In [1]:
import os
from pathlib import Path
import itertools as it

import numpy as np
import tables as tb

from functools import reduce

os.environ["POLARS_MAX_THREADS"] = "128"

import polars as pl  # noqa: E402

In [2]:
%load_ext watermark
%watermark -vp numpy,polars,tables

Python implementation: CPython
Python version       : 3.11.3
IPython version      : 8.13.2

numpy : 1.23.5
polars: 0.20.6
tables: 3.8.0



In [3]:
ptn_info = (
    pl.read_csv("supplementary_tables/supplementary_table_2.tsv", separator="\t")
    .filter(pl.col("dataset") == "test")
)

ptn_info

ptn,ptn_id,genome,genome_id,vog_bitscore,vog_annot,vog_category,phrog_bitscore,phrog_annot,phrog_category,dataset
str,i64,str,i64,f64,str,str,i64,str,str,str
"""IMGVR_UViG_256…",0,"""IMGVR_UViG_256…",0,,"""unknown functi…","""unknown""",,"""NA""","""unknown functi…","""test"""
"""IMGVR_UViG_256…",1,"""IMGVR_UViG_256…",0,,"""unknown functi…","""unknown""",,"""NA""","""unknown functi…","""test"""
"""IMGVR_UViG_256…",2,"""IMGVR_UViG_256…",0,,"""unknown functi…","""unknown""",,"""NA""","""unknown functi…","""test"""
"""IMGVR_UViG_256…",3,"""IMGVR_UViG_256…",0,,"""unknown functi…","""unknown""",,"""NA""","""unknown functi…","""test"""
"""IMGVR_UViG_256…",4,"""IMGVR_UViG_256…",0,,"""unknown functi…","""unknown""",,"""NA""","""unknown functi…","""test"""
"""IMGVR_UViG_256…",5,"""IMGVR_UViG_256…",0,,"""unknown functi…","""unknown""",,"""NA""","""unknown functi…","""test"""
"""IMGVR_UViG_256…",6,"""IMGVR_UViG_256…",0,,"""unknown functi…","""unknown""",,"""NA""","""unknown functi…","""test"""
"""IMGVR_UViG_256…",7,"""IMGVR_UViG_256…",0,,"""unknown functi…","""unknown""",,"""NA""","""unknown functi…","""test"""
"""IMGVR_UViG_256…",8,"""IMGVR_UViG_256…",0,,"""unknown functi…","""unknown""",58,"""NA""","""unknown functi…","""test"""
"""IMGVR_UViG_256…",9,"""IMGVR_UViG_256…",0,,"""unknown functi…","""unknown""",,"""NA""","""unknown functi…","""test"""


In [4]:
def add_protein_clustering(
    ptn_info: pl.DataFrame,
    cluster_file: str | Path,
    genome_k: int,
    genome_res: float,
    protein_k: int,
    protein_res: float,
    genome_embedding_type: str,
    protein_embedding_type: str,
) -> pl.DataFrame:
    with tb.open_file(cluster_file) as fp:
        group = fp.root[genome_embedding_type]
        clustering_metadata = group.metadata[:]
        clustering_query = np.array(
            (genome_k, genome_res, protein_k, protein_res), 
            dtype=clustering_metadata.dtype
        )

        try: 
            query_idx = np.where(clustering_metadata == clustering_query)[0][0]
        except IndexError as err:
            raise ValueError(
                f"Clustering not found with parameters: {genome_k=}, {genome_res=}, {protein_k=}, {protein_res=}"
            ) from err
        
        protein_clusters = group[protein_embedding_type][query_idx, :]
        genome_clusters = group["genome"][query_idx, :]

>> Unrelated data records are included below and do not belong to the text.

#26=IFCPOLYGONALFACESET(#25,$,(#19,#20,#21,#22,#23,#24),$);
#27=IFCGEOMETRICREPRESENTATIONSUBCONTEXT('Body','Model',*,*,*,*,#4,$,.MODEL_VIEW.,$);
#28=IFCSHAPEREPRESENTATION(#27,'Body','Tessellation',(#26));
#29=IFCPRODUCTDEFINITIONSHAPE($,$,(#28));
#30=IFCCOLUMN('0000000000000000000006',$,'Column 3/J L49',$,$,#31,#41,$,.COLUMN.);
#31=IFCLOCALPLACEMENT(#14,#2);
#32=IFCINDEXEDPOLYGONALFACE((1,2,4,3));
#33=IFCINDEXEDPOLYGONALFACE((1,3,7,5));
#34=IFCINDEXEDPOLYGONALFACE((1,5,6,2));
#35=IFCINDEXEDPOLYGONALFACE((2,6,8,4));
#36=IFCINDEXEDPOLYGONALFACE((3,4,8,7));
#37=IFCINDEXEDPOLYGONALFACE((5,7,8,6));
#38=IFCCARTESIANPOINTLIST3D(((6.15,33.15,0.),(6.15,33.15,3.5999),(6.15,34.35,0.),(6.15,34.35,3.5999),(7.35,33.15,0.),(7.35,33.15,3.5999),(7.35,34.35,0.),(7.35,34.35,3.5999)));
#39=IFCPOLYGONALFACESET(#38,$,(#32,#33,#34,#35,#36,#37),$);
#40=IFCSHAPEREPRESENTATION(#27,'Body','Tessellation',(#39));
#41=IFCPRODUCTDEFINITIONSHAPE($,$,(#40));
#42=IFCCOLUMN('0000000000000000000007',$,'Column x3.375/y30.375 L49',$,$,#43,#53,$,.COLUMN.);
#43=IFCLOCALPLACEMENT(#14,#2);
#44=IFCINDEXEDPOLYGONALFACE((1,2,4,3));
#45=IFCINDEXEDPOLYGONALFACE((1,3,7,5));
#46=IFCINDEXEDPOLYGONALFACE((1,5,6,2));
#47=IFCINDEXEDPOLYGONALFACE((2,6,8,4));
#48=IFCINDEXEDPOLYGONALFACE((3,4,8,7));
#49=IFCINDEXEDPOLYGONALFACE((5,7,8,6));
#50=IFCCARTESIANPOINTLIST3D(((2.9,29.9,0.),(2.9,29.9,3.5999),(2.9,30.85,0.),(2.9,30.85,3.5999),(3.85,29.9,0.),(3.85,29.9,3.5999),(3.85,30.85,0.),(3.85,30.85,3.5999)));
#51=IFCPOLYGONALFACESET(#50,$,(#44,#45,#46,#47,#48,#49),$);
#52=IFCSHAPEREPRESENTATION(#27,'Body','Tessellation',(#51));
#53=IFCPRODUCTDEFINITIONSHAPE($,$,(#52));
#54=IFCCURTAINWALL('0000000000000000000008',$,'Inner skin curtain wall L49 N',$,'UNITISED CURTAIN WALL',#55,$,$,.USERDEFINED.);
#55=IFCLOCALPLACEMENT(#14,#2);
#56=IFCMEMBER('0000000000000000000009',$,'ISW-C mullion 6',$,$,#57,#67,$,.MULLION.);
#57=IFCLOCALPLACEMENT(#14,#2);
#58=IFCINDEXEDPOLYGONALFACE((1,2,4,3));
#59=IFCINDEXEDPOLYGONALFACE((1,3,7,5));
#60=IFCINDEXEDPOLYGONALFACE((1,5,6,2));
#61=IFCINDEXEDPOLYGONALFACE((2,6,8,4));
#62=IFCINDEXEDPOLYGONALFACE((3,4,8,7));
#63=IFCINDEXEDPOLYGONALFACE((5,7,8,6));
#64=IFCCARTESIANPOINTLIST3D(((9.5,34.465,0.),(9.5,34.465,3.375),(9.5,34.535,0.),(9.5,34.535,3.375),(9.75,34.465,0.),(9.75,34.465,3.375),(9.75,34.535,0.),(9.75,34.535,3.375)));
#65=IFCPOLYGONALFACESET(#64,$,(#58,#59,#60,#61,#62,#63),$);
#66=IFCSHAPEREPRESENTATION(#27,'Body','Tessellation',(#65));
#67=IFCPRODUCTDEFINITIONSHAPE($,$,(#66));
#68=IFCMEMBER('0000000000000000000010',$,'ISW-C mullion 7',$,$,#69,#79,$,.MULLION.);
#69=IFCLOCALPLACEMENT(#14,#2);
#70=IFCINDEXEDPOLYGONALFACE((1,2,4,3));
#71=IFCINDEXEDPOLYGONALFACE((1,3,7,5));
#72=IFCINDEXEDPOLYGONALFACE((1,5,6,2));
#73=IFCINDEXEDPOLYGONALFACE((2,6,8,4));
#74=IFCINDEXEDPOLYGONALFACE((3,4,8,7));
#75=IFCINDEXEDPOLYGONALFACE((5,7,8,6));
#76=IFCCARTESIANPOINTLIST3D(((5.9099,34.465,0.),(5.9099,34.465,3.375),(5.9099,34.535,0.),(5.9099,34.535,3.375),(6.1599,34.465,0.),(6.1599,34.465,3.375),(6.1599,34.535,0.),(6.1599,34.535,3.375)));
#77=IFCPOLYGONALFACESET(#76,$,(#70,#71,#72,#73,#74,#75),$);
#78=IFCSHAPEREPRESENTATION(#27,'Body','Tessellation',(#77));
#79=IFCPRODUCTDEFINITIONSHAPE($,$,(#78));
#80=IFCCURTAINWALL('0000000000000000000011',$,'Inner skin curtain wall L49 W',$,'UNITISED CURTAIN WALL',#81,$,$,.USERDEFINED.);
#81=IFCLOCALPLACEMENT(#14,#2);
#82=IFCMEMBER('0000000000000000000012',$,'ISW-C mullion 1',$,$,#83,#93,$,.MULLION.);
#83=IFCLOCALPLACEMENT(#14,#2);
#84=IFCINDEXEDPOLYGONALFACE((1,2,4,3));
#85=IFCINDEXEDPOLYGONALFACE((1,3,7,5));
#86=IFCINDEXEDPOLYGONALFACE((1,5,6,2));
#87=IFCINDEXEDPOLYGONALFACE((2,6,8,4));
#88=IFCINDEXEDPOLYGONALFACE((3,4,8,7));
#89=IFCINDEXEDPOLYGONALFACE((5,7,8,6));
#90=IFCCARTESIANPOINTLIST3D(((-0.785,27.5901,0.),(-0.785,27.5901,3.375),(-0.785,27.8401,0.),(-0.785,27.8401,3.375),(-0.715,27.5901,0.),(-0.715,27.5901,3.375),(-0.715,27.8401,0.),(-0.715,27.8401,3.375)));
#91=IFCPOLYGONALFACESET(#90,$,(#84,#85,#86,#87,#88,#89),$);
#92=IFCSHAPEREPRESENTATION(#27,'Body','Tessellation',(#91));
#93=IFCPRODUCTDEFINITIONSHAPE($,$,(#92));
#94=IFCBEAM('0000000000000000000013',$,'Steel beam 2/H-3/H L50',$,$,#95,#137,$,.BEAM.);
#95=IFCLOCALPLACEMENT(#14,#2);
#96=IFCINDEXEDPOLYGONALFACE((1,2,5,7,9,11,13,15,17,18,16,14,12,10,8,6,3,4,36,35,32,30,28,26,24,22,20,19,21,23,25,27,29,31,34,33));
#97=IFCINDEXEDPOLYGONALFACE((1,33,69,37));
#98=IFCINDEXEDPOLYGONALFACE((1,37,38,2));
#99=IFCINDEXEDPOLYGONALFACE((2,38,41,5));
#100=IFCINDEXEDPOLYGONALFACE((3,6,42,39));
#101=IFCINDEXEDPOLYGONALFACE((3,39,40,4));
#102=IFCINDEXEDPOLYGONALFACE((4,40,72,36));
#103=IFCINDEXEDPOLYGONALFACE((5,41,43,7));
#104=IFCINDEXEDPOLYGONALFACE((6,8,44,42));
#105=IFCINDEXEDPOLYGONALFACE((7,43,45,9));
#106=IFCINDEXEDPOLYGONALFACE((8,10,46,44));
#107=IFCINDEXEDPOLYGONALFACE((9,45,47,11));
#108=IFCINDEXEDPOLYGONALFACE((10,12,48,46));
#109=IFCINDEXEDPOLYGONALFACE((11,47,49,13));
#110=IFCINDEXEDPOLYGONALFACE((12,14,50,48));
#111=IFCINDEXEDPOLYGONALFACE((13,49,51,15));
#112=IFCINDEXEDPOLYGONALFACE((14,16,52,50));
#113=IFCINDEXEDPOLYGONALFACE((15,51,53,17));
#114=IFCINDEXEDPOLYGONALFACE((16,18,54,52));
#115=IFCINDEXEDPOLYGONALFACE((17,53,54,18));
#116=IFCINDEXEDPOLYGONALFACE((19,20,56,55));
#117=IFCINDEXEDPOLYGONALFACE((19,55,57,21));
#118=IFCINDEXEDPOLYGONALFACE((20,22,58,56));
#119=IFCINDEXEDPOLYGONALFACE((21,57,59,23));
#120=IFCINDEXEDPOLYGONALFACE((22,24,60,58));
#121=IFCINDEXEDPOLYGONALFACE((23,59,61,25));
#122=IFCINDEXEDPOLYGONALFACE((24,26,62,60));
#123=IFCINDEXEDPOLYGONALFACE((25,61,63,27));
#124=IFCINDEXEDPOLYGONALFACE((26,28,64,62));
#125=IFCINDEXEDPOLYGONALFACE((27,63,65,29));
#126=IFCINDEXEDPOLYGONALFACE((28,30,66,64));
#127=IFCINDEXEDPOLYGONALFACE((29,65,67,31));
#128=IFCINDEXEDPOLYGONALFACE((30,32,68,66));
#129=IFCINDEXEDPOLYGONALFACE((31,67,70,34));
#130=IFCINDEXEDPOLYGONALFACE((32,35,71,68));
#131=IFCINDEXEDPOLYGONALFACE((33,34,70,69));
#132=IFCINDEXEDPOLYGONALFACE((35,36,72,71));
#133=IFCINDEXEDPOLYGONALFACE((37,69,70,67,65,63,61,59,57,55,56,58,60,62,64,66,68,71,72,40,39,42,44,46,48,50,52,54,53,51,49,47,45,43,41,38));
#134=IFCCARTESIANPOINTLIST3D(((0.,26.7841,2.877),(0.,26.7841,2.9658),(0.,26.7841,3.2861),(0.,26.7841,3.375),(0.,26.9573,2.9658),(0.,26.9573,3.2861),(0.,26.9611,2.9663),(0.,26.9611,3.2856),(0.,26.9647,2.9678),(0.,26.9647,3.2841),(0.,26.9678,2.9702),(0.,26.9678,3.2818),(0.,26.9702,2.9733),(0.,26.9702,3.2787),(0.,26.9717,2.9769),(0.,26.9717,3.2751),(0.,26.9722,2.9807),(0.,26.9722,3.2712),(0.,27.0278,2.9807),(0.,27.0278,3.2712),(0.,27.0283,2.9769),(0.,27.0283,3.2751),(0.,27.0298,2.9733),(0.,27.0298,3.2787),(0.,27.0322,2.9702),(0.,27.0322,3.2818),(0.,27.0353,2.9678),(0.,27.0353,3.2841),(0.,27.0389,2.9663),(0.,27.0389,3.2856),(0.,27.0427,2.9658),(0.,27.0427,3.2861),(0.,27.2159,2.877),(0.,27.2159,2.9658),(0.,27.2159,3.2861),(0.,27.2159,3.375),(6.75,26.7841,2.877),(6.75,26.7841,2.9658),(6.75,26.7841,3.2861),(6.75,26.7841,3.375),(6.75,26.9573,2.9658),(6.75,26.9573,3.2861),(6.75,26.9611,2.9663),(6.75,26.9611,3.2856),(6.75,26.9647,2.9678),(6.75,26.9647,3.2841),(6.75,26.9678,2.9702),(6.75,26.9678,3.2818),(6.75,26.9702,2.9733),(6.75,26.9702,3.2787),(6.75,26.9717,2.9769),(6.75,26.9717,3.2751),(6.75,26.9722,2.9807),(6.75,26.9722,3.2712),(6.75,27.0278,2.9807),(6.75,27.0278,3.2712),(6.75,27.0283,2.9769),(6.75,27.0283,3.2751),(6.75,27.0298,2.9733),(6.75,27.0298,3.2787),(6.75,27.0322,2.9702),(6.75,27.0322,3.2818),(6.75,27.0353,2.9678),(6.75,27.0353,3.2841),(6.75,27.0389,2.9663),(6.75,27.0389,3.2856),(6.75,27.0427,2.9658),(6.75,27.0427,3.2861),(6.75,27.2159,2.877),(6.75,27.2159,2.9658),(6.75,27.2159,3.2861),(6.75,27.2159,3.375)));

    return ptn_info.with_columns(pclu=protein_clusters, gclu=genome_clusters)

In [5]:
# need to use these regex strings to recategorize the PHROG annotations into more specific for this analysis

re_categorize = {
    "nucleotide metabolism": [ # these become replication
        "DNA pol", 
        "single strand DNA binding", 
        "Par[AB]", 
        "DNA primase",
        "(DNA)?[ ]?helicase",
        "repl",
        "primosom",
        "terminal",
        "ribonucleo[st]ide(.*)?reductase",
        "NDP reductase",
    ],
    "head and packaging": [ # split this into packaging
        "terminase", "portal"
    ],
}

def join_annot(annots: list[str]) -> str:
    return f"(?i){'|'.join(annots)}"

for k, v in re_categorize.items():
    print(join_annot(v))

(?i)DNA pol|single strand DNA binding|Par[AB]|DNA primase|(DNA)?[ ]?helicase|repl|primosom|terminal|ribonucleo[st]ide(.*)?reductase|NDP reductase
(?i)terminase|portal


For this example, we only use the genome clusters formed with `pst-large`, and then focus on protein clusters with `esm-large`, `pst-large`, and `genslm`.

In [6]:
clustering_hparams = dict(
    genome_k=15,
    genome_res=1.0,
    protein_k=5,
    protein_res=0.5,
)

protein_clusters_file = "datasets/protein_clusters/embedding-based_protein_clusters_per_genome_cluster.h5"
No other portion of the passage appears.